Sam remains at the core of his being, and his health. ''She is my wife, my friend, my medic, my pharmacist, my chauffeur, my surgeon, and I got about another 30!'' She makes sure Lewis is in bed by 9pm and that he ''eats intelligently''. ''I believe in my heart that if I sustain this regimen there's no reason that I can't last for God-knows-how long. I just want to beat George Burns [who died at the age of 100].''
Lewis can't help with the jokes. It's a reflex, and when he's giddy everything is a set-up to a punchline. That instinct now serves the cause that, he says, defines his life more than his comedy.
A sudden thought lights up his face. ''I'm just sitting here thinking 'Why haven't I told you this story?' I'll tell you how comedy works.''
He recites the tale of how in 1958 he met James Roche, the vice-president of General Motors. Lewis wanted to buy 90 specially equipped vans for children with muscular dystrophy, but wanted them at cost. ''I could take that $3 million [I save] and open a research foundation somewhere,'' he pleaded.
Moved by his presentation, Roche got on the phone to see if it was possible. While he was making a delicate negotiation, Lewis saw a pair of scissors on the desk, grabbed them and cut off Roche's very expensive tie.

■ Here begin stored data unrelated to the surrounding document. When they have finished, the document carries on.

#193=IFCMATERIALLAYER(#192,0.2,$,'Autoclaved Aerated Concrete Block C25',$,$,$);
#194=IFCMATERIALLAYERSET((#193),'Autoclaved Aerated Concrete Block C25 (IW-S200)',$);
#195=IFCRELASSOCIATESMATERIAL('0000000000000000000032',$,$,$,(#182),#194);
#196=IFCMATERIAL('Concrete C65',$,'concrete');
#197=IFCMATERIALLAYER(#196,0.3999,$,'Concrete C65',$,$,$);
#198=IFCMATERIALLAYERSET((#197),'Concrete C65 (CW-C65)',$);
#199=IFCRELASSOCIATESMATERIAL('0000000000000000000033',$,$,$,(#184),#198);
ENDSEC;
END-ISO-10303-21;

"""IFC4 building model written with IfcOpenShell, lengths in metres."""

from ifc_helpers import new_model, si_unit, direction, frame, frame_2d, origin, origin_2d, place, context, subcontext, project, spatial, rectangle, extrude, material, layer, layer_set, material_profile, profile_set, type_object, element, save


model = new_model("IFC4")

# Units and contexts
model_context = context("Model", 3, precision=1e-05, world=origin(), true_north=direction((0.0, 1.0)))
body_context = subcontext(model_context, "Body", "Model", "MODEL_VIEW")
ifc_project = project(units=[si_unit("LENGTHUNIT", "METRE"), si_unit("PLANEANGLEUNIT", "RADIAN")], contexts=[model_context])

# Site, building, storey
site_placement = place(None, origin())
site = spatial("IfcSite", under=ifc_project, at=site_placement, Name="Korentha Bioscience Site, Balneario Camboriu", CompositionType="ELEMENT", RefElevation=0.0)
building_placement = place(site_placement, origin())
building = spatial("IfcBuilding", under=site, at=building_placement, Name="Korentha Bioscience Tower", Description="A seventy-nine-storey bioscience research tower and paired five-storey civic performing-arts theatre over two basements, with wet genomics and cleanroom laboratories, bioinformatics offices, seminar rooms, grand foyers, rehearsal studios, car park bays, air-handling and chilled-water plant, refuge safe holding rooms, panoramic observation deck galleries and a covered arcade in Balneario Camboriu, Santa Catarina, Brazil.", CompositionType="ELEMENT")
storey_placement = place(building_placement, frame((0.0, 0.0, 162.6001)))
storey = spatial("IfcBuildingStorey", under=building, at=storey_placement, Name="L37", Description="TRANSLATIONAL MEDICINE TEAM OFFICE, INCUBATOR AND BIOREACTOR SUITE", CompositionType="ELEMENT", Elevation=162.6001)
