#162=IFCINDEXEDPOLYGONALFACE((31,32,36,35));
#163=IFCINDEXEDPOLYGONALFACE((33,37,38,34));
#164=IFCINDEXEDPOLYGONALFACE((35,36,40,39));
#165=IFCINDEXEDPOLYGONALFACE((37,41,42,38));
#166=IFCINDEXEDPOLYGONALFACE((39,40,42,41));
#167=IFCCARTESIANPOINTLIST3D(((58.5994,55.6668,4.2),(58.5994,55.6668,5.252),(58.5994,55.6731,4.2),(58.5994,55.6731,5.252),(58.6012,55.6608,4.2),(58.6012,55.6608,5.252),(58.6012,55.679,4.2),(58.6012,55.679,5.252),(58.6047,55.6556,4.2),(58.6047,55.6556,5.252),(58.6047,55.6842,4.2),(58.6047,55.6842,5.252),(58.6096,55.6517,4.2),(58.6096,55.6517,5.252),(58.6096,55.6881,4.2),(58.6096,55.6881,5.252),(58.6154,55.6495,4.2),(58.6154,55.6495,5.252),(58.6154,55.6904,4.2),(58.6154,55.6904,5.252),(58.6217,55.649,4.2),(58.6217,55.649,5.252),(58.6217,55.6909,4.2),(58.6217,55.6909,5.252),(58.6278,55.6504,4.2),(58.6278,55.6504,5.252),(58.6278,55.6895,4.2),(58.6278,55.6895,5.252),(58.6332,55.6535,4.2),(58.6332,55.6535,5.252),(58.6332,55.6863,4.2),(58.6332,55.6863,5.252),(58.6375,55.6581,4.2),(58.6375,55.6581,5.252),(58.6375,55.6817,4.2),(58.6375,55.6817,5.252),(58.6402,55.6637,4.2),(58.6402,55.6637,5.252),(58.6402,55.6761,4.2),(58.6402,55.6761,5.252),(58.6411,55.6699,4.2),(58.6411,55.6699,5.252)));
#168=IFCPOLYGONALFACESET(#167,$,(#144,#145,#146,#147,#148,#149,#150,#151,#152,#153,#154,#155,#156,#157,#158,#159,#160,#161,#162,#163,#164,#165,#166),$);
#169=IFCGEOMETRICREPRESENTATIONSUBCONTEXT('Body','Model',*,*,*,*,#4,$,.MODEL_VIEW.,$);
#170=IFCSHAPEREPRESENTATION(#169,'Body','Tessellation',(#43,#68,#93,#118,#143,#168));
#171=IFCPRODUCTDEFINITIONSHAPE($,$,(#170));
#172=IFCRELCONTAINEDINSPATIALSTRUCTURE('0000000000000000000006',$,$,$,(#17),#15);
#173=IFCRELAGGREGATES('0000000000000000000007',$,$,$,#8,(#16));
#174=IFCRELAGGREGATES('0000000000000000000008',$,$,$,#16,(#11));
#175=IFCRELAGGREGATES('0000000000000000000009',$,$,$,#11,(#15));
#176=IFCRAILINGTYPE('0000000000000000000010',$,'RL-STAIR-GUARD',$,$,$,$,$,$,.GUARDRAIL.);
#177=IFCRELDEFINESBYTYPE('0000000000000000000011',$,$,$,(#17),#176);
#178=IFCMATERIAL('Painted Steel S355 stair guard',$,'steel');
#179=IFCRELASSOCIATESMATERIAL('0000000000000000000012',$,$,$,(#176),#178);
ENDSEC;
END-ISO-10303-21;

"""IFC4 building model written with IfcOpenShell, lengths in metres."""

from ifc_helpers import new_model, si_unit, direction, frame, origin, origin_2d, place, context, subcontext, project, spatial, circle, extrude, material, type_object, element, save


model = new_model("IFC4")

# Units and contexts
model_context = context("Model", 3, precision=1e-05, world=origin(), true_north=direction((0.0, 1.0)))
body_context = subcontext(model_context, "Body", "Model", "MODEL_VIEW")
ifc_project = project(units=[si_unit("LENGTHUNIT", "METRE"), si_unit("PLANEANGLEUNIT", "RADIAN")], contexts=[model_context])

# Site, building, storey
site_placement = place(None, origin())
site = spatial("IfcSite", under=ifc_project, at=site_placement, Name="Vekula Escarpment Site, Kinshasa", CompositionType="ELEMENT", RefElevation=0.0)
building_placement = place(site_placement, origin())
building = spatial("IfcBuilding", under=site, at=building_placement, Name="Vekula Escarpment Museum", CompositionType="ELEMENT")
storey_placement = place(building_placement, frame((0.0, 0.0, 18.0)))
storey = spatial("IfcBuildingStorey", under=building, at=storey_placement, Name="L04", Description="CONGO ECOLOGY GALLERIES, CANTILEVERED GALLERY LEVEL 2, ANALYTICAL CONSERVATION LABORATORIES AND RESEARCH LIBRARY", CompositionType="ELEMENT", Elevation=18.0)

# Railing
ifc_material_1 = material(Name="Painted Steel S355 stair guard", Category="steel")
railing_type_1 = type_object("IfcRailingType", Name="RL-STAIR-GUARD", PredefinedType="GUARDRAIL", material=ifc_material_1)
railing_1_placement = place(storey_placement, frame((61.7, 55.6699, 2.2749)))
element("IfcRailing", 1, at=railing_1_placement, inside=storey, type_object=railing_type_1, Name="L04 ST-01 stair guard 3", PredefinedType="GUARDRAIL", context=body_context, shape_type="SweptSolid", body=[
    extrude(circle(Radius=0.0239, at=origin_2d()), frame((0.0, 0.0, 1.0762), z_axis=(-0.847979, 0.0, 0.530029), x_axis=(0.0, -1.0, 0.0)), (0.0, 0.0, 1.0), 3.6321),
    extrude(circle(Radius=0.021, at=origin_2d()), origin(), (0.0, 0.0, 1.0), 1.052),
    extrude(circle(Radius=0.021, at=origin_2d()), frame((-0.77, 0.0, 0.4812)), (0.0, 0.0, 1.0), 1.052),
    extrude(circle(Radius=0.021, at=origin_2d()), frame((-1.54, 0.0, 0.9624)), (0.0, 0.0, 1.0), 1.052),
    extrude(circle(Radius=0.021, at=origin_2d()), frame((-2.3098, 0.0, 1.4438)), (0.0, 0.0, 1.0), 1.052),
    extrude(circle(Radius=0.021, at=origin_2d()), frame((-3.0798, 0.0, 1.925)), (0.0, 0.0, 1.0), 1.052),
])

''He laughed from the belly,'' Lewis says. ''He said, 'That is the stupidest, funniest thing I've ever experienced. I can't thank you enough.' I said, 'Yes you can. Gimme the vans.' He said, 'You got 'em.' Something told me I had to move it a little bit, and when you are the 'comedy genius' I'm told I am'' - Lewis makes a self-mocking face - ''I detect the time when levity may work for me.''
And Lewis knows how to punch a point. Our interview over, I lean forward to shake his hand. My tie - my very expensive silk tie - dangles down. Without breaking eye contact he grabs his scissors and cuts it off. Then he staples it back together. Then he cuts it again.
I'm practically on the floor laughing.